# Front seat with no airbag?



## Peachthief

Right now "my" car is a 98 Ford Ranger pickup, which has airbags, but allows you to turn off the passenger side front airbag. Is this safe for a rear facing infant carseat? Are there other safety concerns besides the airbag, or can a child be harmed by the driver's airbag? I am thinking this would be a good setup for a mama and one baby, because it would make it easier to interact with the baby while getting in or out/stopped at a red light or whatever. DH's car is a sedan which would be better for when we all go someplace. Any thoughts?

Thanks, Sarah


----------



## Adventuredad

I have to laugh about this.







We just had a very long discussion about this. You will find it here. Especially read the last two posts where I post plenty of references to why it's safe and also explain why.

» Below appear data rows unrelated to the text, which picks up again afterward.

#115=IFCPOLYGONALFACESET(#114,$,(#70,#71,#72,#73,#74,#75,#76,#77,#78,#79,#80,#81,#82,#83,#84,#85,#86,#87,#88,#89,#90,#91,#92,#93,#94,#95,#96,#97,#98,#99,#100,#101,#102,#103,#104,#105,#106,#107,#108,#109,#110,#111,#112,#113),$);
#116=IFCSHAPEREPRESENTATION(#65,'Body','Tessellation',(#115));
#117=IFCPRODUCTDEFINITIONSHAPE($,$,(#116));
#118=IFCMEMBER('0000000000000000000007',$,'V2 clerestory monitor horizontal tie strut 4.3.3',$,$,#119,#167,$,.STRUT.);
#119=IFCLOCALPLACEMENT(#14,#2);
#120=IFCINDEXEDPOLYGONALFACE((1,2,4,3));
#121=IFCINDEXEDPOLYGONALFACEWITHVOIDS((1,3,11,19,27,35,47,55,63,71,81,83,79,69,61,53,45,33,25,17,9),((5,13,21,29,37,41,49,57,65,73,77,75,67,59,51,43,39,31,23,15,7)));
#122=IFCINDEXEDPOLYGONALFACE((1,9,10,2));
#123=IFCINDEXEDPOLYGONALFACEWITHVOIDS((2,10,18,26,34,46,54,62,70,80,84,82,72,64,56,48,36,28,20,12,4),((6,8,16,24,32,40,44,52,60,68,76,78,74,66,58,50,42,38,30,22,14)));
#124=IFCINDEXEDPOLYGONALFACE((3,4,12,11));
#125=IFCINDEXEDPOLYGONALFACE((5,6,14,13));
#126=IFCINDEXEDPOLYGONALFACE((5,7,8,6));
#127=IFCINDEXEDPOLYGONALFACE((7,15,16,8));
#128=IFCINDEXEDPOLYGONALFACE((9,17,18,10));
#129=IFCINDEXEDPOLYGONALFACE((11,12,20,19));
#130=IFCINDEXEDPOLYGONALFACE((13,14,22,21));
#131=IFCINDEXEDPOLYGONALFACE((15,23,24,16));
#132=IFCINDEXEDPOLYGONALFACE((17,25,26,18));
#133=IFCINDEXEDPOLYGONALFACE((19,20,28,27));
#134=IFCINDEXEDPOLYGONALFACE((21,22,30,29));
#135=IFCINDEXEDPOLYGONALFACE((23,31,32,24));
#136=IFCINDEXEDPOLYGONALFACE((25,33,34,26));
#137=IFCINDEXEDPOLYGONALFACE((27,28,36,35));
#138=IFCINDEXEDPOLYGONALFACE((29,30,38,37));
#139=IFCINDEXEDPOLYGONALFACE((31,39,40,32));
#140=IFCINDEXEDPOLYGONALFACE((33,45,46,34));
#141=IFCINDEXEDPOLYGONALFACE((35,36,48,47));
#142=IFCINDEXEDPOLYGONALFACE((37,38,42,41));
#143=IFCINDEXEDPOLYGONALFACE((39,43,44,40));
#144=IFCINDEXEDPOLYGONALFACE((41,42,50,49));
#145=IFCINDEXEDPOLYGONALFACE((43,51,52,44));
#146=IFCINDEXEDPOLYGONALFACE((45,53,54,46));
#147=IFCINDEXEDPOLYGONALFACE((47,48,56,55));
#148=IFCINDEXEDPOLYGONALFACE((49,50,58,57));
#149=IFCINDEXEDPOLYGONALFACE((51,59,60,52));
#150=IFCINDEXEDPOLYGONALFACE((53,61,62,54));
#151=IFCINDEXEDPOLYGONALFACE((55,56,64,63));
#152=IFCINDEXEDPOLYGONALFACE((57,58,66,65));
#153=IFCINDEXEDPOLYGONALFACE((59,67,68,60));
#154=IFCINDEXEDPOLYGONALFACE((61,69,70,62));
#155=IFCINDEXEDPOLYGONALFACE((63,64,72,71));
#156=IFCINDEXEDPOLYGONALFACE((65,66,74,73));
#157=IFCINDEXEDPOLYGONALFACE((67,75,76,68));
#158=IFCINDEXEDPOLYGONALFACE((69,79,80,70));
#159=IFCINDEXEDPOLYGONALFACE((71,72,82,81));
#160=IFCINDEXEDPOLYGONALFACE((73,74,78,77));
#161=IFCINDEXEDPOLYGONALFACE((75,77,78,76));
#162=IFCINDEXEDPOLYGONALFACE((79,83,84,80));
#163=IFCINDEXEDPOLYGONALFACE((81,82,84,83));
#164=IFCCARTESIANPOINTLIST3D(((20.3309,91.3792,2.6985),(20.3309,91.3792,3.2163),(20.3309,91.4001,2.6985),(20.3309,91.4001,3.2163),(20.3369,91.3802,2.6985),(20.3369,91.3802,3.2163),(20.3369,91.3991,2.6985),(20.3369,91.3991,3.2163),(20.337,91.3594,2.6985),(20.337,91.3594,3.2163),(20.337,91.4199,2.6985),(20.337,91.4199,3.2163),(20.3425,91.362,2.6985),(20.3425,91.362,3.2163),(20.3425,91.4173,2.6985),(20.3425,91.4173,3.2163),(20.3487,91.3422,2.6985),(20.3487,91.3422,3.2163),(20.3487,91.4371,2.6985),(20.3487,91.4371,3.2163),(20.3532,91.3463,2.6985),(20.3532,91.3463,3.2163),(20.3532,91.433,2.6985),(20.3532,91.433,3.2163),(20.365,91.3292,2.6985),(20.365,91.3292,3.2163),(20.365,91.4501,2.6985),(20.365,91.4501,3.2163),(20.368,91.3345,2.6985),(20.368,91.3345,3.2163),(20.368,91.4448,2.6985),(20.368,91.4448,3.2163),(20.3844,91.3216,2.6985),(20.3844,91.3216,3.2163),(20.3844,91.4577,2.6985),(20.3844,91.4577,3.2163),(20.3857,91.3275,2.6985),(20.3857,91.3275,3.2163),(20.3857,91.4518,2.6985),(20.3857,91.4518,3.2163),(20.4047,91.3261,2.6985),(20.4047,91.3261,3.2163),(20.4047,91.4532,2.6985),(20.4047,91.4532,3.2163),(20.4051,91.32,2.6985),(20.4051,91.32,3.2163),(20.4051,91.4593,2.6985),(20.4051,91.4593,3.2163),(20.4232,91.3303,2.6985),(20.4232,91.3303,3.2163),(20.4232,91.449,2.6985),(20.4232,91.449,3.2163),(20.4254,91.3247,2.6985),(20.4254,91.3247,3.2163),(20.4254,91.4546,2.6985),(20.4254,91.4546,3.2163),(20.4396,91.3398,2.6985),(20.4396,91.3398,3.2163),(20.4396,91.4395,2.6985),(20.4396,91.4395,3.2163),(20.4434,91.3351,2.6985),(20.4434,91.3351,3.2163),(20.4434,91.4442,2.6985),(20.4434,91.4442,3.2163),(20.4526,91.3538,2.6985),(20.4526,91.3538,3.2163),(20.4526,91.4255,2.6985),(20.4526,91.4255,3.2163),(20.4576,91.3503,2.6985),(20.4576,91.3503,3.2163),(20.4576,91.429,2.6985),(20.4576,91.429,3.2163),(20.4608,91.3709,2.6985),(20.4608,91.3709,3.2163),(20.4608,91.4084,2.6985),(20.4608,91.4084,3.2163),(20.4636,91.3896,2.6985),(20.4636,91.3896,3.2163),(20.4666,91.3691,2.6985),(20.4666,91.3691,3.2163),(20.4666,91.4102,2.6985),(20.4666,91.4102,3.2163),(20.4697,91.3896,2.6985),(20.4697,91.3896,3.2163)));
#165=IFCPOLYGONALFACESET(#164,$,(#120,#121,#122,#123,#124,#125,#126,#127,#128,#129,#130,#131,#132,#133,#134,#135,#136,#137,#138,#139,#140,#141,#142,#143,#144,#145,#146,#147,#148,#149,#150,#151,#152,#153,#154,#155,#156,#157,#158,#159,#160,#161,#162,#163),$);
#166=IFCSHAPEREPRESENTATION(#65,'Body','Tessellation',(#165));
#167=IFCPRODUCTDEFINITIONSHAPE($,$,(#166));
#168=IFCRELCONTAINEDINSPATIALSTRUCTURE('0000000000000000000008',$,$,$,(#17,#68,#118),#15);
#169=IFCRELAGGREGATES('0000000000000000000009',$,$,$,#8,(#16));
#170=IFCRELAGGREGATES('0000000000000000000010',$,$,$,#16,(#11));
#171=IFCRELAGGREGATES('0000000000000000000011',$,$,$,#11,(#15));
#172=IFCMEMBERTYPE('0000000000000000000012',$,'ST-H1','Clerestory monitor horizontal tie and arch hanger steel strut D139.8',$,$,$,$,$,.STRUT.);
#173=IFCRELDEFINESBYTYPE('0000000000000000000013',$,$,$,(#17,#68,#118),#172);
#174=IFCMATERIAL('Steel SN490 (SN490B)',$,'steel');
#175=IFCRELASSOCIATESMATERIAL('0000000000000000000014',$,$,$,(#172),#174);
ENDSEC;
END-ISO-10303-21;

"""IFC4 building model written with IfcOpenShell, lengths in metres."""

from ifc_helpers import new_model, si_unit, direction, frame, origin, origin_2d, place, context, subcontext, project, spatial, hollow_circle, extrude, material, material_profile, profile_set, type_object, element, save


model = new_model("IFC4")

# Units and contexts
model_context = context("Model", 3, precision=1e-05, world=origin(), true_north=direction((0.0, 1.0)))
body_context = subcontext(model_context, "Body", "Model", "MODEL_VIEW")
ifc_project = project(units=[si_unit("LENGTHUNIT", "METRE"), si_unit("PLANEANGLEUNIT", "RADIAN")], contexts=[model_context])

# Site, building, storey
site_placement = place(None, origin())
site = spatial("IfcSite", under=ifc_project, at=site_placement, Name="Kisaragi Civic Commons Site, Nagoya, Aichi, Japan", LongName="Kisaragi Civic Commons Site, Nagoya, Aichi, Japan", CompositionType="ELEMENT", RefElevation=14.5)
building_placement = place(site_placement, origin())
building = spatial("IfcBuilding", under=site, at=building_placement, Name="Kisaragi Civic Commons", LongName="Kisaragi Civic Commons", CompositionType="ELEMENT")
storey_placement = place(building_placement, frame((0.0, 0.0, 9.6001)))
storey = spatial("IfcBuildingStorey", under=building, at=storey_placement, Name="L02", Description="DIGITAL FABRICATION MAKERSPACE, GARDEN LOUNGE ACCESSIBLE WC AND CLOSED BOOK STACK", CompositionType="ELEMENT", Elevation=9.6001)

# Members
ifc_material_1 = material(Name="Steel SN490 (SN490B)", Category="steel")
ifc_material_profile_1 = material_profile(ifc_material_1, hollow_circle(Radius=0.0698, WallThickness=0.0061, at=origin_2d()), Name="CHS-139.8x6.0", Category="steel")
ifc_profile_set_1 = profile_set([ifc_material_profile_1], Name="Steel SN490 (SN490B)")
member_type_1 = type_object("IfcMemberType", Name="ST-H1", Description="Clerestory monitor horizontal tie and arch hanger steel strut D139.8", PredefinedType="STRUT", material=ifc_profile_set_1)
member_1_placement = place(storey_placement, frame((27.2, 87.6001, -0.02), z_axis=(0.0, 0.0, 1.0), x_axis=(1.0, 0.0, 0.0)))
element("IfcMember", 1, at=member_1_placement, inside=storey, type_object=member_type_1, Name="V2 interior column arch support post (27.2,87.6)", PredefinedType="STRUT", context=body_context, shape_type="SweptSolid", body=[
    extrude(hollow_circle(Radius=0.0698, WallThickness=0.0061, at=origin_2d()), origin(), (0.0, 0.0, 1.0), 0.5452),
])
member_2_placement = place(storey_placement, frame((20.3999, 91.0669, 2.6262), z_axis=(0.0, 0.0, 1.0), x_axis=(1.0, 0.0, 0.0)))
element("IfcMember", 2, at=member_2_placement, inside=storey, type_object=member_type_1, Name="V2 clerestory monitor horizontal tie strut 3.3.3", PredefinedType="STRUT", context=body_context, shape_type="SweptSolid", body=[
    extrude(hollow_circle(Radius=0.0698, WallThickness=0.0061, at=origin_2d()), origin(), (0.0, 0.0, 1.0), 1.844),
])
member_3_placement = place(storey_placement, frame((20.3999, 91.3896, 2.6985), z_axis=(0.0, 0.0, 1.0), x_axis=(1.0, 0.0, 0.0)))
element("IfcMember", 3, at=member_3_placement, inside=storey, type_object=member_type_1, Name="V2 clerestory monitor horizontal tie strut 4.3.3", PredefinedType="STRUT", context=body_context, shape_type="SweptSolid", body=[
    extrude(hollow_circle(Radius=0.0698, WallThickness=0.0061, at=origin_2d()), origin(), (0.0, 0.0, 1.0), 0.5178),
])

To sum it up, rear facing WITHOUT AIRBAG in the front is as safe or safer than rear facing in rear seat. As you will notice, most people don't know this and also refuse to believe it despite all kinds of safety stats and recommendations from well respected companies.

Among car seat researchers this issue is not even discussed any longer. It has been proven over and over again to be very safe. In my references you'll notice manufacturers such as Volvo, Britax, BeSafe, and the highest regarded crash test institute (VTI) all saying it's as safe as the rear seat without airbag.


----------



## Brilliantmama

I sounds fine but make sure the airbag is off and the baby is in the outbound side (to prevent the driver's airbag from any possible contact.)

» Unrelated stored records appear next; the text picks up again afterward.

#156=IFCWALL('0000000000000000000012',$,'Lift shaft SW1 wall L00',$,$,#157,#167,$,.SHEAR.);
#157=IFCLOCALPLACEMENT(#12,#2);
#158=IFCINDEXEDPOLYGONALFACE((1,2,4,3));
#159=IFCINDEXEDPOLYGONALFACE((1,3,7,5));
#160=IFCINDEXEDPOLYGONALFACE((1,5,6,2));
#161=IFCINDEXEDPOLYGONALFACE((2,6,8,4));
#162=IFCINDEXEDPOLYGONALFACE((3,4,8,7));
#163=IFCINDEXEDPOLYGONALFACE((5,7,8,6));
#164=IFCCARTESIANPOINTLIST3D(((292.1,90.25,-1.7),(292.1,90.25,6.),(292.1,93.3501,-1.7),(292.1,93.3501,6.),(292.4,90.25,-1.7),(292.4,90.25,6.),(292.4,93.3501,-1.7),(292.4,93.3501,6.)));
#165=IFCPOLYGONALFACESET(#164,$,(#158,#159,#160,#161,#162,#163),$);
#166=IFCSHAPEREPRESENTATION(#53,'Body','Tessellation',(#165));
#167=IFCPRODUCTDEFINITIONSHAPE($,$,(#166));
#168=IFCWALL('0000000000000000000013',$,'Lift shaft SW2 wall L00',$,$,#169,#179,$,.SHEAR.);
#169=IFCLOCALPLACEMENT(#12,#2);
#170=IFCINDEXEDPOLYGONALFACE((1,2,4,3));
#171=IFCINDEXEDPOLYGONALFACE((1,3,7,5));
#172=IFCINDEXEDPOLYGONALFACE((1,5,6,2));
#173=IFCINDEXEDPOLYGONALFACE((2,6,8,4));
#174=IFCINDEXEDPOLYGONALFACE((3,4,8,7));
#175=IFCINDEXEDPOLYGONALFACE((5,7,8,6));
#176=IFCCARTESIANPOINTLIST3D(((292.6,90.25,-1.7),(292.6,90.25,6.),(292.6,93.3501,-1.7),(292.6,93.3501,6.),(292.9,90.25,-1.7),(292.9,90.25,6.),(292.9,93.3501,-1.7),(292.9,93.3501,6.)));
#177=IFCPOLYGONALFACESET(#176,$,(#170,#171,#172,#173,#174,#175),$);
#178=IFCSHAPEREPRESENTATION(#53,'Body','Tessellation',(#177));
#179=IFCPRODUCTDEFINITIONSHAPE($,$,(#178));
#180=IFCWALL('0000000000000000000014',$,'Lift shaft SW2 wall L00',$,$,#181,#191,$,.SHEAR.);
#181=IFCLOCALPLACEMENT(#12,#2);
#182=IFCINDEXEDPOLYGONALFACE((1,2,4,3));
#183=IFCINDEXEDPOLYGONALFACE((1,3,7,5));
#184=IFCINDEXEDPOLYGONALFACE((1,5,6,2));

My niece rides RFing in a no-airbag pickup and I feel she is very safe, mostly due to the fact that she is still RFing.


----------



## Tizzy

I'll have to check out the previous discussion.
But you're right, my truck does not have airbags and it's great having the kids in the front seat with me. When DS1 was little, he'd be in the middle and I could easily tend to him while driving. Easier getting them in and out, buckled in etc.
I'll be pretty sad when we take it off the road.

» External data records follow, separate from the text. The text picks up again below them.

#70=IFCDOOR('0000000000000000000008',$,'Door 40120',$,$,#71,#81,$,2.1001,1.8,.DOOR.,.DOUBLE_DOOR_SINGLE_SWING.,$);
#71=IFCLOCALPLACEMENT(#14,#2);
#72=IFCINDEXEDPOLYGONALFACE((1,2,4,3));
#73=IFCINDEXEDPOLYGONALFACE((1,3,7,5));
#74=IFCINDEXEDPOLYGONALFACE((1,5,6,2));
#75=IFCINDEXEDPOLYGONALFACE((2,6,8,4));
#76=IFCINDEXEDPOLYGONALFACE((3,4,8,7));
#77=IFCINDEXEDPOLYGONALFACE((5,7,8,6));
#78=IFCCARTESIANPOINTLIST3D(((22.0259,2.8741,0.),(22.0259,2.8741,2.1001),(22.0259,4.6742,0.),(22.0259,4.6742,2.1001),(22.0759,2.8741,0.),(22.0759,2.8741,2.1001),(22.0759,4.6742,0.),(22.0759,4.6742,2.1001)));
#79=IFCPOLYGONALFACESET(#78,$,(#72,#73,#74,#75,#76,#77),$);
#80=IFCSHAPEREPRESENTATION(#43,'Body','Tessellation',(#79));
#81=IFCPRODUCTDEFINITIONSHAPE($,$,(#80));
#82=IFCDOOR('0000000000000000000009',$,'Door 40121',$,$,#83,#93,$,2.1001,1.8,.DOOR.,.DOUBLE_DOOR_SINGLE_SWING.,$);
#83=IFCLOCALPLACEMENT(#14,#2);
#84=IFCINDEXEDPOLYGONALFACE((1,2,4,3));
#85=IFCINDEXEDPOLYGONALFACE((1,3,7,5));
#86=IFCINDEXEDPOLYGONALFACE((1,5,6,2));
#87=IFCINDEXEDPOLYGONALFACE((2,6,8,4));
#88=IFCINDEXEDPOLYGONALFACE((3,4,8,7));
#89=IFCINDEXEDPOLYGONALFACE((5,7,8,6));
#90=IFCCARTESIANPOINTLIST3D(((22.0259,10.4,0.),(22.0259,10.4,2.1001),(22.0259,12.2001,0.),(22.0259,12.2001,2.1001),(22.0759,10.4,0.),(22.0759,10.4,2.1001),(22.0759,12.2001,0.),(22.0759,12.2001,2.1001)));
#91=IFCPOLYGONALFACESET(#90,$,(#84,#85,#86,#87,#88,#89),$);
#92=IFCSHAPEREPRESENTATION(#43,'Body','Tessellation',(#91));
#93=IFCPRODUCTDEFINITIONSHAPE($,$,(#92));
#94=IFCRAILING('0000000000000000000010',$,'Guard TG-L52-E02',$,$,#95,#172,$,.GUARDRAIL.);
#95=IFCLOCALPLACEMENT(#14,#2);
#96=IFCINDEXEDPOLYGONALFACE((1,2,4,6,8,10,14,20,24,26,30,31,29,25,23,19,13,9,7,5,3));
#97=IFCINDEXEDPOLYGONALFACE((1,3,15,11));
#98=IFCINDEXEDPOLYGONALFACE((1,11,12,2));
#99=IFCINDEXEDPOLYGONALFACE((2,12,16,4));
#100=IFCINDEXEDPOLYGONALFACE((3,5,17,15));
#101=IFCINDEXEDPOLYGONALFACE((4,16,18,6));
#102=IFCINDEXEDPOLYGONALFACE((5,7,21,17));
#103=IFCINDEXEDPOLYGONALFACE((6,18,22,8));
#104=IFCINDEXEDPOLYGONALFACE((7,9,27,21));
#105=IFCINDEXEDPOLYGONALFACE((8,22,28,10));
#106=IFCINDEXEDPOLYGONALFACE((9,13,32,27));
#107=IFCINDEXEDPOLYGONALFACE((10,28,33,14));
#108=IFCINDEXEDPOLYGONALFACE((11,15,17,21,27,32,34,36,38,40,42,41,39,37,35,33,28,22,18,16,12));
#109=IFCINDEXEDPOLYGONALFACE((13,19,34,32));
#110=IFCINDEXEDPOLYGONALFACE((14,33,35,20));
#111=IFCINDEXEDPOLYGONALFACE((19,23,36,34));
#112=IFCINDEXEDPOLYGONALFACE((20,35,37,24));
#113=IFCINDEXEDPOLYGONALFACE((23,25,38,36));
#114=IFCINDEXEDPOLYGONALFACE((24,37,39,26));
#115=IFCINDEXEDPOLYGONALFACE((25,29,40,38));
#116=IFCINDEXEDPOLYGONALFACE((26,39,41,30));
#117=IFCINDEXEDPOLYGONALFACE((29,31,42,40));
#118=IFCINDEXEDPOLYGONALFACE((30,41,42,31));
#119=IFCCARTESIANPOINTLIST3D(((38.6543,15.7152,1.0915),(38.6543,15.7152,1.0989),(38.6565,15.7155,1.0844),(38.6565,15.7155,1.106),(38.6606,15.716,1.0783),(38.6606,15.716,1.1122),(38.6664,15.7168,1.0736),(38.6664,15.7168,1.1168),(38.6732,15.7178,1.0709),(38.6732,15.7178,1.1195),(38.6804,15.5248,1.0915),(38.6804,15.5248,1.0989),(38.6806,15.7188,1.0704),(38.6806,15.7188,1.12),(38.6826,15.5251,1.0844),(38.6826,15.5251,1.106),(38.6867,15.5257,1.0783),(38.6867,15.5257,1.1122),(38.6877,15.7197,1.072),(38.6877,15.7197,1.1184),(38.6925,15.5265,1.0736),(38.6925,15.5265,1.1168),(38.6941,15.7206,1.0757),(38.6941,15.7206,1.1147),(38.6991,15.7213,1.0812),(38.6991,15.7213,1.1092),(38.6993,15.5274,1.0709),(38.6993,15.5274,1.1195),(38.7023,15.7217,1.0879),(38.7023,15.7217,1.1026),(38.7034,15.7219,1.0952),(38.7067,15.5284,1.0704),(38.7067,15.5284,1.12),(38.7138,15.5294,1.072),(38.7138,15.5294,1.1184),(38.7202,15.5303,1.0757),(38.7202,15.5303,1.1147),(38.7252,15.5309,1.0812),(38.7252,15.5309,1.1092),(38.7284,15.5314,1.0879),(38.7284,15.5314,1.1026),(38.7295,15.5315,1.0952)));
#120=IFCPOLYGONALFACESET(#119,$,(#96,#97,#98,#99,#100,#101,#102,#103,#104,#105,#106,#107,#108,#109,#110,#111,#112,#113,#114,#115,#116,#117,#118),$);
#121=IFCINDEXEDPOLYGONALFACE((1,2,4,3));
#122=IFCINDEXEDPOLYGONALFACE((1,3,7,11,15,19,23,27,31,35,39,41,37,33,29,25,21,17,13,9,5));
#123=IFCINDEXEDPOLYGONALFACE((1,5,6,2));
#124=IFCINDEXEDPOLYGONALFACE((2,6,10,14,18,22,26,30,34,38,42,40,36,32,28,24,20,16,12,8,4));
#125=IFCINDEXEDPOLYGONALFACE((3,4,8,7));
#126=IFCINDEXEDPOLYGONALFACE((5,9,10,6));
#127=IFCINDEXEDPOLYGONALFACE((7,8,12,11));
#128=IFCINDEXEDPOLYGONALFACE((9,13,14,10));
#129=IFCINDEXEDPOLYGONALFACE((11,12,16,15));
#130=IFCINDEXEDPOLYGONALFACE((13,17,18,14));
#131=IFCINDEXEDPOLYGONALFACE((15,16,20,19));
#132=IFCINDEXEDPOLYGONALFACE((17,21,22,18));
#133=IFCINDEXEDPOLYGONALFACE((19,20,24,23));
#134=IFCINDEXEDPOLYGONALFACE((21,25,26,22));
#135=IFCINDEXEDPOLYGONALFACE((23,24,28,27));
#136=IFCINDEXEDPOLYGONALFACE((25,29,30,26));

And it kind of sucks if we need to use it as a family - DH will take one child in one vehicle and I'll take the other in another vehicle lol!


----------



## an_aurora

In a truck you have no other option, so yes it's safe in that particular vehicle. That said, the backseat is always the safest. No matter what random people imply







.


----------



## BeckC

:

If you can turn off the airbag (not a sensor but actually turning them off), then yes, using a rear facing seat in the front seat is safe and acceptable to do if you have no other option. The backseat is always safER if that's an option and it's been proven by actual real properly done studies.


----------



## Adventuredad

Quote:


Originally Posted by *an_aurora* 
In a truck you have no other option, so yes it's safe in that particular vehicle. That said, the backseat is always the safest. No matter what random people imply







.

Rear facing a car seat in front seat with airbag disabled is very safe. It's been proven as safe over and over again. Among people who work with this it's not an issue.

I've given you many sources of unbiased research and statistics which say rear facing a child in front seat with airbag disabled is as safe as the rear. You've provided nothing. I've mentioned world class companies knows for safety such as Britax and Volvo together with many other sources. I can give you many more if you desire. Let me guess, you don't trust Britax or anyone else.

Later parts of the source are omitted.